Objectives: The overarching goal is to establish whether multisensory deficits are present in children with ASD and to characterize the neurophysiological basis of these deficits. Here we use high-density electrical mapping to map the developmental trajectory of basic auditory-visual integration in typically developing children from ages 6 to 17 (N=51). This will serve as a baseline against which to compare multisensory integration in individuals with autism. Data from a group of children with ASD from a more restricted age-range is also examined.

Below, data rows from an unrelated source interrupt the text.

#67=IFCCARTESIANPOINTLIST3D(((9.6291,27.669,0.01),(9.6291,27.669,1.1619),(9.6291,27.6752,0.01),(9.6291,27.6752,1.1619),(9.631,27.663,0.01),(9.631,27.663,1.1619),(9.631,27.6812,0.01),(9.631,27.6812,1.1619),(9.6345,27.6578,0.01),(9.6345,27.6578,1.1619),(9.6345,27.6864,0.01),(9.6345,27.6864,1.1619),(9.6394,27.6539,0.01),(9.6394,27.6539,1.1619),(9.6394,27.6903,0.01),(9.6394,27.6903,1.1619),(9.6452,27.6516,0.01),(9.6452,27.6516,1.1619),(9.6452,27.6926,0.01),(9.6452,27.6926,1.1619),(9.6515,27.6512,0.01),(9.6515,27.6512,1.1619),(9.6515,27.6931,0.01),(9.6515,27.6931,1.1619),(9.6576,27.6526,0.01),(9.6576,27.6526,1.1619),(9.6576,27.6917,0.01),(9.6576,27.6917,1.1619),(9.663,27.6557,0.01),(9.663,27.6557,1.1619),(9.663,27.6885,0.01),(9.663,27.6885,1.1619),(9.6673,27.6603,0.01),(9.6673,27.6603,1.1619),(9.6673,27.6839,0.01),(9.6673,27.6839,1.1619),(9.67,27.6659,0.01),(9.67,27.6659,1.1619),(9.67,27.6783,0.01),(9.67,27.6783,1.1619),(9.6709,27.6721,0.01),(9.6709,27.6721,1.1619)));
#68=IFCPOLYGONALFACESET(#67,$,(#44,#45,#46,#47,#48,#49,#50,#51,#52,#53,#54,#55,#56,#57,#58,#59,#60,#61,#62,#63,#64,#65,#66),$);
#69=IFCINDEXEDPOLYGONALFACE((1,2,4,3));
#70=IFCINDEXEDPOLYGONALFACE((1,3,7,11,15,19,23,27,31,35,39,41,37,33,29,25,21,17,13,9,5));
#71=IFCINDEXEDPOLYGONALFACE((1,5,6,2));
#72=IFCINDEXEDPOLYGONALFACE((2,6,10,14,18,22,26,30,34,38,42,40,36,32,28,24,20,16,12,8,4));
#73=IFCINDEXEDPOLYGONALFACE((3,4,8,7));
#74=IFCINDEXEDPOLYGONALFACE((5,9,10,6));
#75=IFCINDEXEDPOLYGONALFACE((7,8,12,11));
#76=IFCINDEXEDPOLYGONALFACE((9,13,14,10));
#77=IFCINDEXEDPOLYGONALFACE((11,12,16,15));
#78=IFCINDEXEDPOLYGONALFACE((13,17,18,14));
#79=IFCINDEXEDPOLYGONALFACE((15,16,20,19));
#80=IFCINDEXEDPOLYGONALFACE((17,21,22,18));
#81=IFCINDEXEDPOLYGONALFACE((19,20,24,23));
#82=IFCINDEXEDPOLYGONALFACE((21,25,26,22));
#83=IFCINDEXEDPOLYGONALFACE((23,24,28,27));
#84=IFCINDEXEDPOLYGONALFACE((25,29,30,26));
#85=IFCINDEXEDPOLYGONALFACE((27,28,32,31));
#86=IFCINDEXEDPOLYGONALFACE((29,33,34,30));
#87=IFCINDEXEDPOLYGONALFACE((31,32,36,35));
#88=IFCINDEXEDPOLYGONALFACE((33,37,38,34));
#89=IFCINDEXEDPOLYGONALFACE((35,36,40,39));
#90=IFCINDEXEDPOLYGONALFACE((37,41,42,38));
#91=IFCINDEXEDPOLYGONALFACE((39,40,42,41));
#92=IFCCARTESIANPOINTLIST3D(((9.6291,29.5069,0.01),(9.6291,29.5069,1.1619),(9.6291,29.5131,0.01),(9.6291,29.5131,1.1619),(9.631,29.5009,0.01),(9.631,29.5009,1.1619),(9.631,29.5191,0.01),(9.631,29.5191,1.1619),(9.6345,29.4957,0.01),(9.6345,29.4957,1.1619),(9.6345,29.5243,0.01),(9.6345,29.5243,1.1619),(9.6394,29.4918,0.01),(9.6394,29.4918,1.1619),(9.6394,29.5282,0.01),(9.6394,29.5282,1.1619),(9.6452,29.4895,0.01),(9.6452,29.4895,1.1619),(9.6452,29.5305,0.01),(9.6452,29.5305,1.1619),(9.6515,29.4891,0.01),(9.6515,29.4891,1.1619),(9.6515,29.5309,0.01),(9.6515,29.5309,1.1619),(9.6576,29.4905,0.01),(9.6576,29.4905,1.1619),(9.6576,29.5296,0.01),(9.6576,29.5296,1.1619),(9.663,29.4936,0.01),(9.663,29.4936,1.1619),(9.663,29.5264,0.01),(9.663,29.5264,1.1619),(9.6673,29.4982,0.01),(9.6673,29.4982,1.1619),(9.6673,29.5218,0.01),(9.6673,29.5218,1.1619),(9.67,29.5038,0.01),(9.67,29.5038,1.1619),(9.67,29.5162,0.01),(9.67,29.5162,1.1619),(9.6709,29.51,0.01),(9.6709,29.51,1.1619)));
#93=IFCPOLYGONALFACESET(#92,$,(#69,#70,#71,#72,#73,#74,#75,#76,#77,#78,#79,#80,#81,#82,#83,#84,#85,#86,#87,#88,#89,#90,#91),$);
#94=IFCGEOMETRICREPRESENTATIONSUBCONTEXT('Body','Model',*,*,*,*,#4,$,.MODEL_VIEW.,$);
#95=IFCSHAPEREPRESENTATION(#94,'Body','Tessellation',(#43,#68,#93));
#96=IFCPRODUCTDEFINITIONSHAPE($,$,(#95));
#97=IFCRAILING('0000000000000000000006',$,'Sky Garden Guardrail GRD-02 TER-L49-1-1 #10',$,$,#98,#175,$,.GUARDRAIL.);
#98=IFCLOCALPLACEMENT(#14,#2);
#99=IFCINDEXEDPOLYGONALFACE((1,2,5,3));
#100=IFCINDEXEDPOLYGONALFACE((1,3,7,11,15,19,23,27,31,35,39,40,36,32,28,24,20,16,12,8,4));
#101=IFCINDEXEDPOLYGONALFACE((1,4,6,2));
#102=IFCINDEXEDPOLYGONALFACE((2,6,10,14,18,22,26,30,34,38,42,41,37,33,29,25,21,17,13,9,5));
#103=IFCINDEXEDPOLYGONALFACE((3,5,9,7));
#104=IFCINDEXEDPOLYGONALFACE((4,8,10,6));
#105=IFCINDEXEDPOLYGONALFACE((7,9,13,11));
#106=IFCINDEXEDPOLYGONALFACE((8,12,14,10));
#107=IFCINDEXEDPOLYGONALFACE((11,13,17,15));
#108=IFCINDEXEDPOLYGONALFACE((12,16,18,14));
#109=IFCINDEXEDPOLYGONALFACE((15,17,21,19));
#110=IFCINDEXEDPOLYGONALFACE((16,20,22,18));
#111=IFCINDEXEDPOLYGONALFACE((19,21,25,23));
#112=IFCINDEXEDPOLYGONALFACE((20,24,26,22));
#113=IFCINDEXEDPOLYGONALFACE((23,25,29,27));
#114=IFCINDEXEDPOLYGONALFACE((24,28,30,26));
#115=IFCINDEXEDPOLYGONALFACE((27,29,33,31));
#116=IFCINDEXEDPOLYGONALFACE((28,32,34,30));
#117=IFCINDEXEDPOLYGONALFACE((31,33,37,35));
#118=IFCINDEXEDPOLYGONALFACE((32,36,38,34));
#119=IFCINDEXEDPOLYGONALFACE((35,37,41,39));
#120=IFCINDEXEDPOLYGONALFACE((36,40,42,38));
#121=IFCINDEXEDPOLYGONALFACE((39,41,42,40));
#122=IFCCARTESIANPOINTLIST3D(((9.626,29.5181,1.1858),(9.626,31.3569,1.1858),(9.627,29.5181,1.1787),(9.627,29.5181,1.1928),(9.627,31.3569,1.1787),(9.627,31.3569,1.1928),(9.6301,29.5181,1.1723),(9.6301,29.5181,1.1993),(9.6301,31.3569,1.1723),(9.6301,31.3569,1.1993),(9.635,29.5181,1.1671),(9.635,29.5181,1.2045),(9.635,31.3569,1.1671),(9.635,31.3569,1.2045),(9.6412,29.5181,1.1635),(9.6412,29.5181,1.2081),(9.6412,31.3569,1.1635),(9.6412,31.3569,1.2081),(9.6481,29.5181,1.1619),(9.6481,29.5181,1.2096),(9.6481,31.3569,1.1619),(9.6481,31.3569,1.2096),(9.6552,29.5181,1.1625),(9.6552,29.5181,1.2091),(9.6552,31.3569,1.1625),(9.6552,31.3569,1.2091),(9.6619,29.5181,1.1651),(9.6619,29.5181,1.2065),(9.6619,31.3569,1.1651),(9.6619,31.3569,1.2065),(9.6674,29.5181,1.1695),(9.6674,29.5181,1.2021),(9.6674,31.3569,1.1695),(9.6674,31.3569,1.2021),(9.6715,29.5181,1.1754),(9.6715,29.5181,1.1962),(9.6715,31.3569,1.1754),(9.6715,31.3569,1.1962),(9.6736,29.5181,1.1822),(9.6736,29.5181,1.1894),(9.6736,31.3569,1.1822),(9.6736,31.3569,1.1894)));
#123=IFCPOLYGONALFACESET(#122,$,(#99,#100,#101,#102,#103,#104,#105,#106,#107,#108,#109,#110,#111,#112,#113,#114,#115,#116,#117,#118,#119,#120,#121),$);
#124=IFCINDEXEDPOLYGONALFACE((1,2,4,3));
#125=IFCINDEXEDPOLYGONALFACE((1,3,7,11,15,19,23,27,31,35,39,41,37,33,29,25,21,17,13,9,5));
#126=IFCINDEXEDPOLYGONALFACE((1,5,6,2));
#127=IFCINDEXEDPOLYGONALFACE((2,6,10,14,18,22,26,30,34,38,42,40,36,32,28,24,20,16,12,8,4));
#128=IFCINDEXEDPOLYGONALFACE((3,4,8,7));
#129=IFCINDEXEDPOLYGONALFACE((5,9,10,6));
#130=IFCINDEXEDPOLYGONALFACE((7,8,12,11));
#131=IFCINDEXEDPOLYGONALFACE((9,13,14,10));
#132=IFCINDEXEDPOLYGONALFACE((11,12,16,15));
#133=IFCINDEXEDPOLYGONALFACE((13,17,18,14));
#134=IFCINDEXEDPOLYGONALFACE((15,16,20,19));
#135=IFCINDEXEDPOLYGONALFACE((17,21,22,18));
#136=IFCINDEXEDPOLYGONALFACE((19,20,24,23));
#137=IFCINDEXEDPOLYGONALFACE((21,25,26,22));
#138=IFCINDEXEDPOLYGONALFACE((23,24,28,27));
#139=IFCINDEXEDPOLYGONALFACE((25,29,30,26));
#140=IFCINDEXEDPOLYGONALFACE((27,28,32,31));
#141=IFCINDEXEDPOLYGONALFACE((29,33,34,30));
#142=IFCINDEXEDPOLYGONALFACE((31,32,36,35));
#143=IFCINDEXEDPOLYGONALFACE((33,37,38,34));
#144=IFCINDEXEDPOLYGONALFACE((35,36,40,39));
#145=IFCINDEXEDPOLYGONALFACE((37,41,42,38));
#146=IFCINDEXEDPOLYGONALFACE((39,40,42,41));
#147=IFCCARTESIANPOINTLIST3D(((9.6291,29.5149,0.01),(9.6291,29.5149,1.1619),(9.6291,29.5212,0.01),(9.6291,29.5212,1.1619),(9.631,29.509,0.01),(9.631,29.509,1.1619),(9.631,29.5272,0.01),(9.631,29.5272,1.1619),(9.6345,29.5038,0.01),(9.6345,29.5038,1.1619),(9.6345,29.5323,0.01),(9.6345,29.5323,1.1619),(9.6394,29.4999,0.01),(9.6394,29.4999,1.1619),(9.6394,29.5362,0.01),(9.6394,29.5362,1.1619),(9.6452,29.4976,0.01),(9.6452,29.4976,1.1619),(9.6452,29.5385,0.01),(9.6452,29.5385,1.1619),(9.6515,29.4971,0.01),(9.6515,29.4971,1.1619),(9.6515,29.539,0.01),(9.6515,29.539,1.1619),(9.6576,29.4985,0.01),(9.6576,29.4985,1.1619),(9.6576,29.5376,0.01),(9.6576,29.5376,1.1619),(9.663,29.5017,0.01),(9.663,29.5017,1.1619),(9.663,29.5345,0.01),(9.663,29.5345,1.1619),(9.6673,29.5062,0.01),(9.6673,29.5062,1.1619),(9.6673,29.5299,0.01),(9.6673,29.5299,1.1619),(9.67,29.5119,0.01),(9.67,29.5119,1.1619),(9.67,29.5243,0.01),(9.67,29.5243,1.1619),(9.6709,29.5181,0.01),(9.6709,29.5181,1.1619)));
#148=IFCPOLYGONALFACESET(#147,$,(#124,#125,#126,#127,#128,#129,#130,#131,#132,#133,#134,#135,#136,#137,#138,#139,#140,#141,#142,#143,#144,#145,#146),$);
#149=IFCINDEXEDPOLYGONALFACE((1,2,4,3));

Methods: High-density electrophysiological recordings were made while participants engaged in a simple reaction-time task in which they responded to the occurrence of an auditory, visual, or auditory-visual stimulus. The three stimulus types were presented in an unpredictable randomized order. To assess multisensory interactions, electrophysiological responses (ERPs) to the auditory-alone condition and the visual-alone condition were summed for each participant and compared to the response to the stimulus condition in which the stimuli were presented together (sum versus simultaneous). Data from typically developing children were divided into three age groups to begin to map the developmental trajectory of basic multisensory integration for auditory and visual stimuli. Data from a smaller group of children with ASD were compared to age and IQ matched controls.
Results: Analysis of the data from the typically developing children indicates that there are developmental changes in how the brain integrates simple auditory and visual inputs over the course of childhood. Earlier multisensory interactions were seen in the younger cohorts of children compared to the oldest cohort of children (~100 ms post stimulus onset), whereas later multisensory interactions were more prominent in the older groups. Behaviorally, multisensory integration was signified by violation of the race model. Race model violation was seen to a greater extent in older children compared to younger children, with no evidence of race model violation in the youngest group. Preliminary analysis of data from the ASD group suggests differences in auditory-visual integration compared to an age and IQ matched group of TD children.
Conclusions: Mapping the developmental trajectory of multisensory integration is essential to testing the integrity of these processes in clinical groups such as ASD. Here we use electrophysiology to show that multisensory integration is modified over the course of childhood. Behavioral data from our laboratory on higher order multisensory integration indicate that such malleability is absolutely key to the optimized use of multisensory inputs in perception. Our findings also point to clear differences between multisensory integration in TD children and children with ASD. Continuing work in our laboratory will determine the developmental course of simple auditory-visual integration in this group.